I have been reading this forum for a while and i joined last month, i have read thread after thread about firearms failing , failing to feed, load, fire, extract or eject. i have read about sights not being accurate or failing to adjust. guide rods breaking , wrong springs , magazine poorly made. 

then i have seen these failures used as proof that this company or that is using poor metallurgy or 3rd world plastics or cheap slave labor and that the reason they are now selling guns that dont last. i have seen every major company listed here as declining in quality because of our experiences with a few of their guns. yep a few. their overall production is not represented here and if you take every gun forum everywhere you still dont have a base set to sample from. we are enthusiasts and we have expectations and i venture to say that our expectations are higher than the average gun owner.

these guns are machines, nothing more than the sum of their parts and like all machines they break or stop working or work less efficient as they wear. thats why there are and always have been gun mechanics. gunsmiths have been around since the first gun was broken. all machines fail, all machines have need of refinement and all need maintained. 

this doesn't mean the company sucks, it means its pretty normal..... designs are produced, consumers determine which are successful and which are not, based on the desires of the consumer not necessarily the overall merit of the design. cars are a great example of designs that dont work.... every model year SOMETHING goes away ..... a bolt, a knob, a fuse or a circuit , maybe even an entire model or brand. and something is introduced. 

the most precise machine ever made was also the most complex. over 2.5 MILLION parts ALL machined or produced to a standard so exact that it boggles the mind. this machine design was used only 140 times and yet it had 2 catastrophic failures resulting in 14 deaths. was the space shuttle a failure? did the design flaws signal the end of our competence? nope, it was a machine and they fail, in ways we cant even imagine until they do. 

your guns are machines, they will fail, doesnt mean they suck or the company sucks or you were screwed.... just means its a machine.


----------



## Steve M1911A1 (Feb 6, 2008)

It's worse than you think.

Many of the "failures" you read about here, and in other forums as well, are the result of user ignorance.
This ignorance includes failure to read the instructions, failure to learn proper technique, failure to practice any technique at all, and a need to blame the machine for the machine user's own failures.

There are exceptions to this "rule," of course.

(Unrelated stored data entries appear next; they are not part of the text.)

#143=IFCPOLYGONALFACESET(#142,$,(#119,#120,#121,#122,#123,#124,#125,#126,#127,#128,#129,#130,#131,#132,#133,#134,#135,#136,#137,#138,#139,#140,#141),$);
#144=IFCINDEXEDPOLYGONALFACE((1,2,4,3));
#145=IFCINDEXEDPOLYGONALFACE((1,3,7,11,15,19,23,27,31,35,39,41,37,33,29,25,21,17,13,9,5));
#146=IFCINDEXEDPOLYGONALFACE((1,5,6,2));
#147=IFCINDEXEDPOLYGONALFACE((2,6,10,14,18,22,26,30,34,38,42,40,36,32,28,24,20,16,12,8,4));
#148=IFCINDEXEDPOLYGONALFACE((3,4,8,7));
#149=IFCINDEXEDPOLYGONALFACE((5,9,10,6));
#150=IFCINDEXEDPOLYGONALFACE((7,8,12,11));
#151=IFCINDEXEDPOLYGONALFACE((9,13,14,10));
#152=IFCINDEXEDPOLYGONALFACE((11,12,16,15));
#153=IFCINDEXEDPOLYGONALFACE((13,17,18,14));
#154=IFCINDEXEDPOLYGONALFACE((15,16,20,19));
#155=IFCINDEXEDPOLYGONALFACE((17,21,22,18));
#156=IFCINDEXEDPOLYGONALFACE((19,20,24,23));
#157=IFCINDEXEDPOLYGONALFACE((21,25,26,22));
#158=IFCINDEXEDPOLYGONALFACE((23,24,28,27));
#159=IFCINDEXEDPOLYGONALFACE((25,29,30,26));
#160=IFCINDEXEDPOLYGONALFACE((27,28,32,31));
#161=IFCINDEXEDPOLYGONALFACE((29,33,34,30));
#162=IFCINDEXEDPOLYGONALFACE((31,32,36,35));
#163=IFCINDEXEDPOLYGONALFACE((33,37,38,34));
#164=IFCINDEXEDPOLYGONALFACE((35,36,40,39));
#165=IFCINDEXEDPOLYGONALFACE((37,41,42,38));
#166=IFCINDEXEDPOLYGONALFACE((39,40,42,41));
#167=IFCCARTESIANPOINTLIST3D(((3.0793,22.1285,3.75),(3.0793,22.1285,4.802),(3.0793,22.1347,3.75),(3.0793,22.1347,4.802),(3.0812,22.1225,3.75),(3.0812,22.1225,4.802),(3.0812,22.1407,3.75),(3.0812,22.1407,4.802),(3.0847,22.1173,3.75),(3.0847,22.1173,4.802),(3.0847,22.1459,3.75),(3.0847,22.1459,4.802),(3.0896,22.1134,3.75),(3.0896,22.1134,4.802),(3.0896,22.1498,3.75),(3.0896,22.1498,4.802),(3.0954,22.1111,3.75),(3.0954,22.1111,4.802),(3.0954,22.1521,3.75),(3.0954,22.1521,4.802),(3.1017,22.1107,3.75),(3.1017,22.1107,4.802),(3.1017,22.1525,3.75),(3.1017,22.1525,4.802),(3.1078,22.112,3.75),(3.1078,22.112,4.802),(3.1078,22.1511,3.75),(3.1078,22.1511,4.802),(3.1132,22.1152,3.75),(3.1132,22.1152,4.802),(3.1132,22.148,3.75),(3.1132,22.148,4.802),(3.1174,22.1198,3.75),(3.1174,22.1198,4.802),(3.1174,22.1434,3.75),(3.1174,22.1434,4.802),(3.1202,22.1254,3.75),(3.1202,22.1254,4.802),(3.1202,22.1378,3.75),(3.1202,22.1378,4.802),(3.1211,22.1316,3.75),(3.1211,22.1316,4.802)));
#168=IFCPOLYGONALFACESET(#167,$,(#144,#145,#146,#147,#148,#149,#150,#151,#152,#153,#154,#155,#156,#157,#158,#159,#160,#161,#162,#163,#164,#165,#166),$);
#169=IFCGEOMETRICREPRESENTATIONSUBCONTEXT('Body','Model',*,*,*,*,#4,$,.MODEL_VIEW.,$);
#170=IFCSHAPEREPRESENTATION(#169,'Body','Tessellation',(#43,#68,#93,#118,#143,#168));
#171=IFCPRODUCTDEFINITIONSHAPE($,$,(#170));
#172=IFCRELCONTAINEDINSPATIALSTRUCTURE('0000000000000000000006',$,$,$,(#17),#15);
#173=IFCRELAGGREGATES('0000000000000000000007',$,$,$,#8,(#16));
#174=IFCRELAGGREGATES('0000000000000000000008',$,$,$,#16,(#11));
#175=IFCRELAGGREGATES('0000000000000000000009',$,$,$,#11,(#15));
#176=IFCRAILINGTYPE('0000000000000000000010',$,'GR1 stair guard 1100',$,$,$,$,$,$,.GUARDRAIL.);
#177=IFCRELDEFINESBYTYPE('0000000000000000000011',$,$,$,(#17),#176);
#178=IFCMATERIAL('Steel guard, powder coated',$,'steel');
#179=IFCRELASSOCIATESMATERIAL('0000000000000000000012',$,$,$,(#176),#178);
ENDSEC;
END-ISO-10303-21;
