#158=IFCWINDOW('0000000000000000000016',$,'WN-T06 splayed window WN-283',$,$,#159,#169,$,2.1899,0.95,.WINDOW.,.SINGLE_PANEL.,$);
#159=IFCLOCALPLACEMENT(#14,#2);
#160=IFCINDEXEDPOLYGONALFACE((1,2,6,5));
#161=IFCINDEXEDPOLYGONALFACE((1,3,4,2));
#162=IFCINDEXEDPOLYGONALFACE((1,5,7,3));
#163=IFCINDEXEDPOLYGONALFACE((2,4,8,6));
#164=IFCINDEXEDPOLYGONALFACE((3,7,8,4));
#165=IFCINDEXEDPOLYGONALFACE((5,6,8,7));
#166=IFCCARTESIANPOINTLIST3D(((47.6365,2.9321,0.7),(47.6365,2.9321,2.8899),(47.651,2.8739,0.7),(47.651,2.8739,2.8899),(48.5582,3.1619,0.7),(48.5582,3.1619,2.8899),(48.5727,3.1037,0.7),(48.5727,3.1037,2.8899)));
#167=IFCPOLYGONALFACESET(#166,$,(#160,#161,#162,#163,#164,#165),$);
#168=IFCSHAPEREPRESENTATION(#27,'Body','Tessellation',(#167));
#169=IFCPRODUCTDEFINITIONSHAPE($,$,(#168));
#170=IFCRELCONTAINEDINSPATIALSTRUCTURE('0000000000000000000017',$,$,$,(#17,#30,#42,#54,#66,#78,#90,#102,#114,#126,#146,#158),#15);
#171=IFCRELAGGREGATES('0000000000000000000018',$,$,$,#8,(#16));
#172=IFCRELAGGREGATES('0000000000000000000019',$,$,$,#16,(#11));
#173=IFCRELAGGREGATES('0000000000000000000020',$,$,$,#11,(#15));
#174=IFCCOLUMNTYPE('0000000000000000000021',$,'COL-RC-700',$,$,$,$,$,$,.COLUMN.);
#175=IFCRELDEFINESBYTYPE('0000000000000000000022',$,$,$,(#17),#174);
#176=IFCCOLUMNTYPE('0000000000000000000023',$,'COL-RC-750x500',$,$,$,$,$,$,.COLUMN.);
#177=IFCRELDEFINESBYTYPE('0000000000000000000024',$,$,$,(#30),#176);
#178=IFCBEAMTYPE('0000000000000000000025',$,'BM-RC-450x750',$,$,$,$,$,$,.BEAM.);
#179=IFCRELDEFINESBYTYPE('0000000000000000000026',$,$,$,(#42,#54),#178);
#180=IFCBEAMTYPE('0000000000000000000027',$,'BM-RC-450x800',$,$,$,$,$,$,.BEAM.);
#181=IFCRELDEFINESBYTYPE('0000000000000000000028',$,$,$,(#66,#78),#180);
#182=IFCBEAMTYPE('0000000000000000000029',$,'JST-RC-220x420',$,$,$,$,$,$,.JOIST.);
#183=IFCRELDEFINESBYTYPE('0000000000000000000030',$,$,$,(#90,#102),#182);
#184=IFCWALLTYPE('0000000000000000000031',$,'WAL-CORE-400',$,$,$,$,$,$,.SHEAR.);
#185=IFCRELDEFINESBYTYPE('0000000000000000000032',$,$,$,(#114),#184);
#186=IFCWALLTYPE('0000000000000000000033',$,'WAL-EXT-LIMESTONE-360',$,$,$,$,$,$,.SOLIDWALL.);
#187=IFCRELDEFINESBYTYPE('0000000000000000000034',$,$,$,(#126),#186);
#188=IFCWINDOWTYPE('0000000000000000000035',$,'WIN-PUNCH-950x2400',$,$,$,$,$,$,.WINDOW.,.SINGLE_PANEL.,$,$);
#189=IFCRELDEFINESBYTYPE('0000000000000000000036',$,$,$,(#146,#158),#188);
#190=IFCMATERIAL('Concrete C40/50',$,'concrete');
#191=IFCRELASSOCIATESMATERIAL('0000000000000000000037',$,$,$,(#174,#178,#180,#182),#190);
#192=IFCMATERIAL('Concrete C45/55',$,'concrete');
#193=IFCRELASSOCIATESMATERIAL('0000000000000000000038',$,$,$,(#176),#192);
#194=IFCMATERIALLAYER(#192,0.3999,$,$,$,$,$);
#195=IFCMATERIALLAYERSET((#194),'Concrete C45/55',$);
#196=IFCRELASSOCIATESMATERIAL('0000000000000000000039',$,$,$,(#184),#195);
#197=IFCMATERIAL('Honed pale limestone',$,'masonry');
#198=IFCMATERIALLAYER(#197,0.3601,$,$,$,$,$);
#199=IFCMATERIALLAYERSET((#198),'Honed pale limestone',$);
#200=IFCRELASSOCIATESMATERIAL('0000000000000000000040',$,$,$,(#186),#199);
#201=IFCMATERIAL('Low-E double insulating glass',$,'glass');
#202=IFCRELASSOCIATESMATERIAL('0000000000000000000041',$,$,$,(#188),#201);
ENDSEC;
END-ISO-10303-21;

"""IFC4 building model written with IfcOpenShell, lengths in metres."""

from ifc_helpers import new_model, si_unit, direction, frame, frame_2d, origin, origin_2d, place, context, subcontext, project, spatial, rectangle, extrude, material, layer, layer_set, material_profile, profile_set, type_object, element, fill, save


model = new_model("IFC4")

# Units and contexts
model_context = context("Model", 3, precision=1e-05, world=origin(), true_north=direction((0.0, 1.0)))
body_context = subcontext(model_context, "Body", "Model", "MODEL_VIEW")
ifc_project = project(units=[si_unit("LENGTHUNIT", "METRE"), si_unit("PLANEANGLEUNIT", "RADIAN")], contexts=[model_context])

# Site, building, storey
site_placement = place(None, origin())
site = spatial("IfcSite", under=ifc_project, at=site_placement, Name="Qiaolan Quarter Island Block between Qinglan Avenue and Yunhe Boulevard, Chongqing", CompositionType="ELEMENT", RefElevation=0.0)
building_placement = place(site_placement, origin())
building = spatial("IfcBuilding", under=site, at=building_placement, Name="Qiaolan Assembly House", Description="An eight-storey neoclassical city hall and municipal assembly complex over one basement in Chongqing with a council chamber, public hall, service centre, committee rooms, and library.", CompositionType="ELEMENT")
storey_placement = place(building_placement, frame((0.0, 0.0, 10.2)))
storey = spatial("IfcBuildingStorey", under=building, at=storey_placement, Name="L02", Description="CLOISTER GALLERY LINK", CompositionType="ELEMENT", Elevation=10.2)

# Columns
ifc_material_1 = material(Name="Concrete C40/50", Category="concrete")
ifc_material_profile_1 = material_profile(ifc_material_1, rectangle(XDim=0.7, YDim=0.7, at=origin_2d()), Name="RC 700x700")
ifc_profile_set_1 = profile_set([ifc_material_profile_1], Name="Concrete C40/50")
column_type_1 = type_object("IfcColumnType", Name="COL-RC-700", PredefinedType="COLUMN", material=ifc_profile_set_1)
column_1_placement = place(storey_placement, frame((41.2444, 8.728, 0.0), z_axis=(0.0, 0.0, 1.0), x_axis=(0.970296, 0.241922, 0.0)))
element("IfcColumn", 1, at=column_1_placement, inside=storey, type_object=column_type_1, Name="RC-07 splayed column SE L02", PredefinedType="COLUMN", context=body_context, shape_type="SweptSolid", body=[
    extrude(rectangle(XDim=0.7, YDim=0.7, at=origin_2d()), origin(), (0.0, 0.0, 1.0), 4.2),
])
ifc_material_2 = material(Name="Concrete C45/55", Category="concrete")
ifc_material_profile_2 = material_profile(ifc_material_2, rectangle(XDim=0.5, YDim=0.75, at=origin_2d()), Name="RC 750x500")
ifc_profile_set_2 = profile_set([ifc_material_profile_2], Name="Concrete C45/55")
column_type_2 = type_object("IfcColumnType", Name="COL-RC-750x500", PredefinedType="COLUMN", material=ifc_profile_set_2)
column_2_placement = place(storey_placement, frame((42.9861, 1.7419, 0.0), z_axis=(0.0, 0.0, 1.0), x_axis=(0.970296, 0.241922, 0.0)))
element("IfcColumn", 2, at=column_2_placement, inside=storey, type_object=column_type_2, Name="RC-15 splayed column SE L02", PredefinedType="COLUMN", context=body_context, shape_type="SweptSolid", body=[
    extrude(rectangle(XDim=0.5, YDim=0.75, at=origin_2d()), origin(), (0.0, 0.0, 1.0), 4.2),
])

Taurus guns do suffer from poor quality control, as did the oldest Charter Arms revolvers. I'm certain that there are others.

But in most cases, the "machine failure" complaints voiced here are mostly really _machine-user_ failures.


----------



## TedDeBearFrmHell (Jul 1, 2011)

i DO know, my small gun shop in central cal sat on 140 acres of farmland where i built a backstop in front of a berm. i fixed a ton of "broken" pistols by saying "can ya show me what its doing?" many were a result of bad technique. a lot were new guns fired right out of the box with no cleaning or lubrication. quite a few just needed to "wear in" before they settled down to be a good gun. i know many owners manuals do not call for a break-in period but ALL new machines need to have their moving parts contact surfaces wear together before they perform at their peak. and yes there were a few choice brands that will forever be (in my mind) a piece of sh!t.... but not many. they are just pieces of steel and plastic and they do what we want them to do, IF WE UNDERSTAND THEM


----------



## jakeleinen1 (Jul 20, 2011)

Kinda disagree bro

Think Mac vs PC, an Apple computer will never fail, a PC (which I use and own a PC) will fail and has a history of failing

Now Glock, Sig, Heckler and Koch... These are the Apple computers of the gun world

Your in an Armory, your going to be in a shootout, you can choose only one of the guns above described or you can use a revolver or a Taraus or a Kahr... Which do you choose? You better choose the ones above and not the ones after, IMO


----------



## TedDeBearFrmHell (Jul 1, 2011)

jakeleinen1 said:


> Kinda disagree bro
> 
> Think Mac vs PC, an Apple computer will never fail....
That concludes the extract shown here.